Multiscale and multi-physics modeling for advanced magnetic memories

Leuven - PhD
Meer dan twee weken geleden

Unlock the future of low energy memories for tomorrow's computers

With the event of the internet of things and of artificial intelligence, there is an important need to develop low energy efficient stand-alone and embedded memories. With that respect, memories based on the manipulation of the spin offer promising prospects. For instance, memories such as Spin-Transfer Torque Magnetic Random-Access Memory (STT-MRAM), where, the spin of the electrons is flipped using a spin-polarized current which is created by passing a current though a thin magnetic layer offers up to 60% of reduction of the energy consumption compared to a classical DRAM one. The effect is achieved thanks to a magnetic tunnel junction (MTJ) or a spin-valve, and STT-MRAM devices use STT tunnel junctions (STT-MTJ). This current is then directed into a thinner magnetic layer which transfers the angular momentum to the thin layer which changes its spin. To be able to achieve this spin manipulation, memories such as the STT-MRAM ones, are built from a complex stack of different materials (up to twenty different ones) with film thicknesses ranging from a sub-nanometer to 100 nm.

While the working principle of MRAM memories is a well-established process, the development of the next generation of magnetic memories is driven by the selection of the right materials and the quality of their interfaces. Improvements are hence bound to the understanding of the fundamental aspects that define material interfaces and to the establishment of device design rules that allow an improved efficient spin manipulation. Unfortunately, little is known on the factors that are driving the global spin response at the device level. The main problem is that there is a missing link between the macroscopic device reality, governed by continuum formalisms, and atomistic realities dictated by local interactions. A proper connection of these theories then needs to be built to describe the physics that governs the full magnetic coupling of multi-scaled materials.
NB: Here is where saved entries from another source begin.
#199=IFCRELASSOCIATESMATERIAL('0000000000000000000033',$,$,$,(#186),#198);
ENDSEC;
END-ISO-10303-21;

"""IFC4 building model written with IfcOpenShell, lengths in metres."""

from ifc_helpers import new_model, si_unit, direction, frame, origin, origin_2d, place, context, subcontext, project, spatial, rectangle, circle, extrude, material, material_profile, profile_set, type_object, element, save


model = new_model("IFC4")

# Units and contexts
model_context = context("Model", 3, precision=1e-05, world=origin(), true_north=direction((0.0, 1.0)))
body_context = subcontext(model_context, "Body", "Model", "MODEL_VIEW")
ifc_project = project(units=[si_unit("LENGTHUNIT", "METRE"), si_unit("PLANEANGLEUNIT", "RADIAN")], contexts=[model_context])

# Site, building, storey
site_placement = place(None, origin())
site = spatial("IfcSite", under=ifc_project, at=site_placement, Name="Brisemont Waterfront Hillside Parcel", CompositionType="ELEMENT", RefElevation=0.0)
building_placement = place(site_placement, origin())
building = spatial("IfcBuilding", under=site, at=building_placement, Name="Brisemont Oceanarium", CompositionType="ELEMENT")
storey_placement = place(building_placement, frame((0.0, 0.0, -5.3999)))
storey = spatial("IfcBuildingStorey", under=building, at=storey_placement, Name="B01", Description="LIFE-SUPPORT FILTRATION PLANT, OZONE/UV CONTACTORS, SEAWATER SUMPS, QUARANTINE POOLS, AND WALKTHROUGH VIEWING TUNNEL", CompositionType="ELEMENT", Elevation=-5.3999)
Through this Ph.D. proposal, we aim fulfilling this gap by building links between atomistic simulations and micromagnetic formalisms used to model magnetic devices to study fundamental relations between material, interface magnetic properties and device performances. For instance, the magnetic properties of nano-confined materials will be studied using atomistic simulations (such as density functional theory), deriving information of the impact of confinement of metals on properties such as the exchange coupling and the magnetic anisotropy. The output generated will then be coupled with micromagnetic techniques to build the insights needed into the engineering of interfaces for the development of new memories.
IMEC will provide training to both UNIX/Linux and to the material modeling techniques. A strong motivation, a good knowledge of solid-state physics and/or magnetism and of UNIX/LINUX are a plus. Excellent writing and oral communication skills are desired.

Required background: Material engineering or physics with strong interest in numerical analysis

Type of work: literature 10 % and 90 % modeling

Supervisor: Michel Houssa

Daily advisor: Kiroubanand Sankaran

The reference code for this position is 2020-018. Mention this reference code on your application form.
Chinese nationals who wish to apply for the CSC scholarship, should use the following code when applying for this topic: CSC2020-11.